Doses the above means that MFO* works as expected with the 85/1.4 and other "Art" lenses.

*MFO, Manual Focus Override means that you can adjust the AF on the fly without going MF...


----------



## Antono Refa (Feb 27, 2018)

*Re: SIGMA releases the interchangeable lens firmware version 2.00 for Canon digital cameras with Len*

How does it work?

My understanding is this can work only if Canon cooperates with Sigma in image correction.
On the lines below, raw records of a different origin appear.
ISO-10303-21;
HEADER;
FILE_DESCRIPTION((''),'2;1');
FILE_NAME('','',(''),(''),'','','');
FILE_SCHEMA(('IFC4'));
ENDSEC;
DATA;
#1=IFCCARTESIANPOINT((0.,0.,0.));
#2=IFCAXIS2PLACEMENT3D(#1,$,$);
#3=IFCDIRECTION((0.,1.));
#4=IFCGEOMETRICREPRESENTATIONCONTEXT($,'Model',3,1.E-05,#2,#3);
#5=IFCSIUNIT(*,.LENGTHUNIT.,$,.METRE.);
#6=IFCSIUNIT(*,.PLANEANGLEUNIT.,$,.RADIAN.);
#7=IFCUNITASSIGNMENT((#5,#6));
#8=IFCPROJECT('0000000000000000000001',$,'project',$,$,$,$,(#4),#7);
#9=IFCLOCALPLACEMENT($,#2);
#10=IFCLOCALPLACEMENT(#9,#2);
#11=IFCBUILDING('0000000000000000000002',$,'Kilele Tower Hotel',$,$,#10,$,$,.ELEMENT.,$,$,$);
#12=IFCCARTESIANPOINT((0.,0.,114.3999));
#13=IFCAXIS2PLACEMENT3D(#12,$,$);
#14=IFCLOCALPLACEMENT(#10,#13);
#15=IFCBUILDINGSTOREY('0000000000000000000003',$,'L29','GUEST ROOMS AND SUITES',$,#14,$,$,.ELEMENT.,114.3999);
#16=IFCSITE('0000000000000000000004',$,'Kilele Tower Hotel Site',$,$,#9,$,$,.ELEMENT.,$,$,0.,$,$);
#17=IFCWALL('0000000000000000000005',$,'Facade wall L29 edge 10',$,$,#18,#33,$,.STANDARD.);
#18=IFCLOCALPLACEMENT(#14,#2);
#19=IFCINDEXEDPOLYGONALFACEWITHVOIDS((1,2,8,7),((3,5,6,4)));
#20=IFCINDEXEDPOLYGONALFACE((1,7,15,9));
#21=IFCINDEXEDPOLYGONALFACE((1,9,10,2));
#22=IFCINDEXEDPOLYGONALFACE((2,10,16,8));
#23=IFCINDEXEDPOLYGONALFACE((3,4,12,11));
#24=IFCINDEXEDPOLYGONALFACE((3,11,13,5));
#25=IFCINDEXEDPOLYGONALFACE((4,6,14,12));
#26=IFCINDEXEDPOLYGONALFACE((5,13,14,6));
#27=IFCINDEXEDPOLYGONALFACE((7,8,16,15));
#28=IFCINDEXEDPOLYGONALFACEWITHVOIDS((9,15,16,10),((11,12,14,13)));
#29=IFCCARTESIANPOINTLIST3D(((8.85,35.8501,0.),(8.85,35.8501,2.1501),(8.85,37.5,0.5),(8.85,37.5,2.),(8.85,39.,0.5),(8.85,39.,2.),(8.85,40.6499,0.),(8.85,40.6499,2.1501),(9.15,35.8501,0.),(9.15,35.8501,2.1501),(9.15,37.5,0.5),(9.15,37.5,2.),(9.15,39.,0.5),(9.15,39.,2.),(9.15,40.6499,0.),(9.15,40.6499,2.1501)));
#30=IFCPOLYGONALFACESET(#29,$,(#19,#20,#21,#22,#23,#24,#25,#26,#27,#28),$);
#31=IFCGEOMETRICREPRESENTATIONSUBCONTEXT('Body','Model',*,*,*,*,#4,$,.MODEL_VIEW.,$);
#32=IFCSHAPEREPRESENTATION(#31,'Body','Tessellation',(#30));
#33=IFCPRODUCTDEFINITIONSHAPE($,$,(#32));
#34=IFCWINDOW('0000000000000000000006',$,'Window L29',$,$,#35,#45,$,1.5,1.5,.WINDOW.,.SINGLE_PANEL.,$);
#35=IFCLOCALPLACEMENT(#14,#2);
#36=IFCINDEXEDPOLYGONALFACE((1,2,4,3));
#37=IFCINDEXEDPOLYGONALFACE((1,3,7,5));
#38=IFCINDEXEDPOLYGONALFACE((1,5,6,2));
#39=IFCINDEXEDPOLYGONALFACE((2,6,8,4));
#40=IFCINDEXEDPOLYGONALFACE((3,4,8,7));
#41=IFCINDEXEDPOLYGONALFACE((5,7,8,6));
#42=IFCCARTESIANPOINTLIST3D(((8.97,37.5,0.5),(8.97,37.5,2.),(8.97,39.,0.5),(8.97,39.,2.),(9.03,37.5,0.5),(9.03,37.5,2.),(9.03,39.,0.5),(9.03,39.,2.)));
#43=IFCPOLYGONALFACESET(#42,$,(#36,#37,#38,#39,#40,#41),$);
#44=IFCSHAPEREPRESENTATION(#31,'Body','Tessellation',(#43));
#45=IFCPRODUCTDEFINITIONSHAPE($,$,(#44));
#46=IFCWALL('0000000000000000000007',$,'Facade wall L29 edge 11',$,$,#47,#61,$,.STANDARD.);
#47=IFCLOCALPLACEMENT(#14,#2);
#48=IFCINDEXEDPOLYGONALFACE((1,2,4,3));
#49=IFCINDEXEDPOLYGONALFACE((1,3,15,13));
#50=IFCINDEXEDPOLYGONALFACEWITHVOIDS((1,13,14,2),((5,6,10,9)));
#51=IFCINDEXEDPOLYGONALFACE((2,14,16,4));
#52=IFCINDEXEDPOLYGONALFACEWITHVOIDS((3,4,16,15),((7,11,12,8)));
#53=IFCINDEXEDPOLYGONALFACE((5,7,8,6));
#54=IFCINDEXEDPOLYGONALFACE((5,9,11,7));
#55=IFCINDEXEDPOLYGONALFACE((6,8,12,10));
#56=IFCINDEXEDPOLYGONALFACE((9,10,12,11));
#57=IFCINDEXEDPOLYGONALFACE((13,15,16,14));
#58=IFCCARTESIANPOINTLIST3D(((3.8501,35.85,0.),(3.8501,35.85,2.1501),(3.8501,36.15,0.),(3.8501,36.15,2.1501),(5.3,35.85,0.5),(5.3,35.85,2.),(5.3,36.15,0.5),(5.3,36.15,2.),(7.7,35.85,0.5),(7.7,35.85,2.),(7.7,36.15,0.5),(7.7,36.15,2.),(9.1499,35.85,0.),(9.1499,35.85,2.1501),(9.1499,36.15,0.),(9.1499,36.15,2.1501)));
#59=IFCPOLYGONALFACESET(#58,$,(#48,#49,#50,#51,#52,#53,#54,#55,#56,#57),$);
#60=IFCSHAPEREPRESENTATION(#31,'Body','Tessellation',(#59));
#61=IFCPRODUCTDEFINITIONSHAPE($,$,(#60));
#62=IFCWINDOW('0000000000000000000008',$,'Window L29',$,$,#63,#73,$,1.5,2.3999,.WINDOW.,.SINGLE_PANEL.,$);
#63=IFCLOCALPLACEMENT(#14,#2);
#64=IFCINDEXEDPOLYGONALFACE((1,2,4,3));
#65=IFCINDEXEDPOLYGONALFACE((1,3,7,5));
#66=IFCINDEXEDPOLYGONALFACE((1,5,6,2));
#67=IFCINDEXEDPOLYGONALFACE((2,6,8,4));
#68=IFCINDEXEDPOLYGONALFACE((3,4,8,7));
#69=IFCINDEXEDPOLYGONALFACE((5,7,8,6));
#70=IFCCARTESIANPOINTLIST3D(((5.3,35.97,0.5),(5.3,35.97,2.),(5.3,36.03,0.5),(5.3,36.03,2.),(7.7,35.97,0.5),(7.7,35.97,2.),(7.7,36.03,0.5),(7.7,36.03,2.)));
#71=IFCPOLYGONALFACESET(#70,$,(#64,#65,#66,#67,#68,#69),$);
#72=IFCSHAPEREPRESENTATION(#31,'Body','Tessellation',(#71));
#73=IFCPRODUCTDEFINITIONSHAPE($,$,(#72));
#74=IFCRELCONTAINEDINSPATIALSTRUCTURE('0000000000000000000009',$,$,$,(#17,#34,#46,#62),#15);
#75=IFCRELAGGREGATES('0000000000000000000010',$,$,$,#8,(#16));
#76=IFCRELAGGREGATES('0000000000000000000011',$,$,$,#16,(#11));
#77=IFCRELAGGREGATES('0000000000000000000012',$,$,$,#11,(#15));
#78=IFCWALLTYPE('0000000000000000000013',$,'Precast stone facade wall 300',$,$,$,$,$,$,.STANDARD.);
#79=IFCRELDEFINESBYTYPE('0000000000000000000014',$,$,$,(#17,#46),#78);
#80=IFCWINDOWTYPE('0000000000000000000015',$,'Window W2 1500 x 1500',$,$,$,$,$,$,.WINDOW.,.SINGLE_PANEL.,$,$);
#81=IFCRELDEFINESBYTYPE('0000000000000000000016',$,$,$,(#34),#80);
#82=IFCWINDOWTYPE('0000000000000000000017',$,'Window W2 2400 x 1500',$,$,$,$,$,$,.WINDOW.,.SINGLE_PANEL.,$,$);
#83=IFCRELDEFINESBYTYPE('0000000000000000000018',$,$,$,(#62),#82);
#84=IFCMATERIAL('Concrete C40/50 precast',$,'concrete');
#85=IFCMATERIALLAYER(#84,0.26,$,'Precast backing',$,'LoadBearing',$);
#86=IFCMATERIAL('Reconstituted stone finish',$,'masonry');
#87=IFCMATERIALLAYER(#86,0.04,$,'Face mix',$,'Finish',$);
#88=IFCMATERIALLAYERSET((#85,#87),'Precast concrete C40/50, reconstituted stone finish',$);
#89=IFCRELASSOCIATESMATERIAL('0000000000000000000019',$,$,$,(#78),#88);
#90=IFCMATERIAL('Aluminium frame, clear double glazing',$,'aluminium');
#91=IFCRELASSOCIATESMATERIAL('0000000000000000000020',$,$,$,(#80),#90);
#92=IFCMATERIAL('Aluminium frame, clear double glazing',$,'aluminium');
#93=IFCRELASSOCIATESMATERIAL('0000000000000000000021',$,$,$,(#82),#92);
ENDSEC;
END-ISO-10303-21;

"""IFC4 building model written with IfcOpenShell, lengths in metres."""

from ifc_helpers import new_model, si_unit, direction, frame, frame_2d, origin, place, context, subcontext, project, spatial, rectangle, extrude, material, layer, layer_set, type_object, element, fill, save


model = new_model("IFC4")

# Units and contexts
model_context = context("Model", 3, precision=1e-05, world=origin(), true_north=direction((0.0, 1.0)))
body_context = subcontext(model_context, "Body", "Model", "MODEL_VIEW")
ifc_project = project(units=[si_unit("LENGTHUNIT", "METRE"), si_unit("PLANEANGLEUNIT", "RADIAN")], contexts=[model_context])

# Site, building, storey
site_placement = place(None, origin())
site = spatial("IfcSite", under=ifc_project, at=site_placement, Name="Kilele Tower Hotel Site", CompositionType="ELEMENT", RefElevation=0.0)
building_placement = place(site_placement, origin())
building = spatial("IfcBuilding", under=site, at=building_placement, Name="Kilele Tower Hotel", CompositionType="ELEMENT")
storey_placement = place(building_placement, frame((0.0, 0.0, 114.3999)))
storey = spatial("IfcBuildingStorey", under=building, at=storey_placement, Name="L29", Description="GUEST ROOMS AND SUITES", CompositionType="ELEMENT", Elevation=114.3999)

# Walls, openings, windows
ifc_material_1 = material(Name="Concrete C40/50 precast", Category="concrete")
ifc_layer_1 = layer(ifc_material_1, 0.26, Name="Precast backing", Category="LoadBearing")
ifc_material_2 = material(Name="Reconstituted stone finish", Category="masonry")
ifc_layer_2 = layer(ifc_material_2, 0.04, Name="Face mix", Category="Finish")
ifc_layer_set_1 = layer_set([ifc_layer_1, ifc_layer_2], Name="Precast concrete C40/50, reconstituted stone finish")
wall_type_1 = type_object("IfcWallType", Name="Precast stone facade wall 300", PredefinedType="STANDARD", material=ifc_layer_set_1)
wall_1_placement = place(storey_placement, frame((9.0, 40.6499, 0.0), z_axis=(0.0, 0.0, 1.0), x_axis=(0.0, -1.0, 0.0)))
wall_1 = element("IfcWall", 1, at=wall_1_placement, inside=storey, type_object=wall_type_1, Name="Facade wall L29 edge 10", PredefinedType="STANDARD", context=body_context, shape_type="SweptSolid", body=[
    extrude(rectangle(XDim=4.7998, YDim=0.3, at=frame_2d((2.3999, 0.0))), origin(), (0.0, 0.0, 1.0), 2.1501),
])
opening_1_placement = place(wall_1_placement, frame((1.6499, 0.0, 0.5)))
opening_1 = element("IfcOpeningElement", 2, at=opening_1_placement, cuts=wall_1, PredefinedType="OPENING", context=body_context, shape_type="SweptSolid", body=[
    extrude(rectangle(XDim=1.5, YDim=1.5, at=frame_2d((0.75, 0.75))), frame((0.0, 0.1599, 0.0), z_axis=(0.0, -1.0, 0.0), x_axis=(1.0, 0.0, 0.0)), (0.0, 0.0, 1.0), 0.3201),
])
ifc_material_3 = material(Name="Aluminium frame, clear double glazing", Category="aluminium")
window_type_1 = type_object("IfcWindowType", Name="Window W2 1500 x 1500", PartitioningType="SINGLE_PANEL", PredefinedType="WINDOW", material=ifc_material_3)
window_1_placement = place(opening_1_placement, origin())
window_1 = element("IfcWindow", 3, at=window_1_placement, inside=storey, type_object=window_type_1, Name="Window L29", OverallHeight=1.5, OverallWidth=1.5, PartitioningType="SINGLE_PANEL", PredefinedType="WINDOW", context=body_context, shape_type="SweptSolid", body=[
    extrude(rectangle(XDim=1.5, YDim=1.5, at=frame_2d((0.75, 0.75))), frame((0.0, 0.03, 0.0), z_axis=(0.0, -1.0, 0.0), x_axis=(1.0, 0.0, 0.0)), (0.0, 0.0, 1.0), 0.0601),
])
fill(opening_1, window_1)
wall_2_placement = place(storey_placement, frame((9.1499, 36.0, 0.0), z_axis=(0.0, 0.0, 1.0), x_axis=(-1.0, 0.0, 0.0)))
wall_2 = element("IfcWall", 4, at=wall_2_placement, inside=storey, type_object=wall_type_1, Name="Facade wall L29 edge 11", PredefinedType="STANDARD", context=body_context, shape_type="SweptSolid", body=[
    extrude(rectangle(XDim=5.2998, YDim=0.3, at=frame_2d((2.6499, 0.0))), origin(), (0.0, 0.0, 1.0), 2.1501),
])
opening_2_placement = place(wall_2_placement, frame((1.45, 0.0, 0.5)))
opening_2 = element("IfcOpeningElement", 5, at=opening_2_placement, cuts=wall_2, PredefinedType="OPENING", context=body_context, shape_type="SweptSolid", body=[
    extrude(rectangle(XDim=2.3999, YDim=1.5, at=frame_2d((1.2, 0.75))), frame((0.0, 0.1599, 0.0), z_axis=(0.0, -1.0, 0.0), x_axis=(1.0, 0.0, 0.0)), (0.0, 0.0, 1.0), 0.3201),
])
ifc_material_4 = material(Name="Aluminium frame, clear double glazing", Category="aluminium")
window_type_2 = type_object("IfcWindowType", Name="Window W2 2400 x 1500", PartitioningType="SINGLE_PANEL", PredefinedType="WINDOW", material=ifc_material_4)
window_2_placement = place(opening_2_placement, origin())
window_2 = element("IfcWindow", 6, at=window_2_placement, inside=storey, type_object=window_type_2, Name="Window L29", OverallHeight=1.5, OverallWidth=2.3999, PartitioningType="SINGLE_PANEL", PredefinedType="WINDOW", context=body_context, shape_type="SweptSolid", body=[
    extrude(rectangle(XDim=2.3999, YDim=1.5, at=frame_2d((1.2, 0.75))), frame((0.0, 0.03, 0.0), z_axis=(0.0, -1.0, 0.0), x_axis=(1.0, 0.0, 0.0)), (0.0, 0.0, 1.0), 0.0601),
])
fill(opening_2, window_2)

save(model, "model.ifc")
Sounds to me like the camera firmware gets data from the lens' firmware indicating how much correction to apply.


----------



## ajfotofilmagem (Feb 27, 2018)

*Re: SIGMA releases the interchangeable lens firmware version 2.00 for Canon digital cameras with Len*

 Not work on 70D? :-[


----------



## drmikeinpdx (Feb 27, 2018)

*Re: SIGMA releases the interchangeable lens firmware version 2.00 for Canon digital cameras with Len*

Perhaps one of our resident experts can explain how this works? I don't understand it.


----------



## Woody (Feb 28, 2018)

*Re: SIGMA releases the interchangeable lens firmware version 2.00 for Canon digital cameras with Len*

This is wonderful!


----------



## snappy604 (Feb 28, 2018)

*Re: SIGMA releases the interchangeable lens firmware version 2.00 for Canon digital cameras with Len*

thanks for the info, it applies to several of my lenses... wondering if it really makes any difference


----------



## Talys (Feb 28, 2018)

*Re: SIGMA releases the interchangeable lens firmware version 2.00 for Canon digital cameras with Len*



Antono Refa said:


> How does it work?
> 
> My understanding is this can work only if Canon cooperates with Sigma in image correction. Sounds to me like the camera firmware gets data from the lens' firmware indicating how much correction to apply.



I would like to know this as well. Also, is this any different from lightroom corrections, if you shoot raw?


----------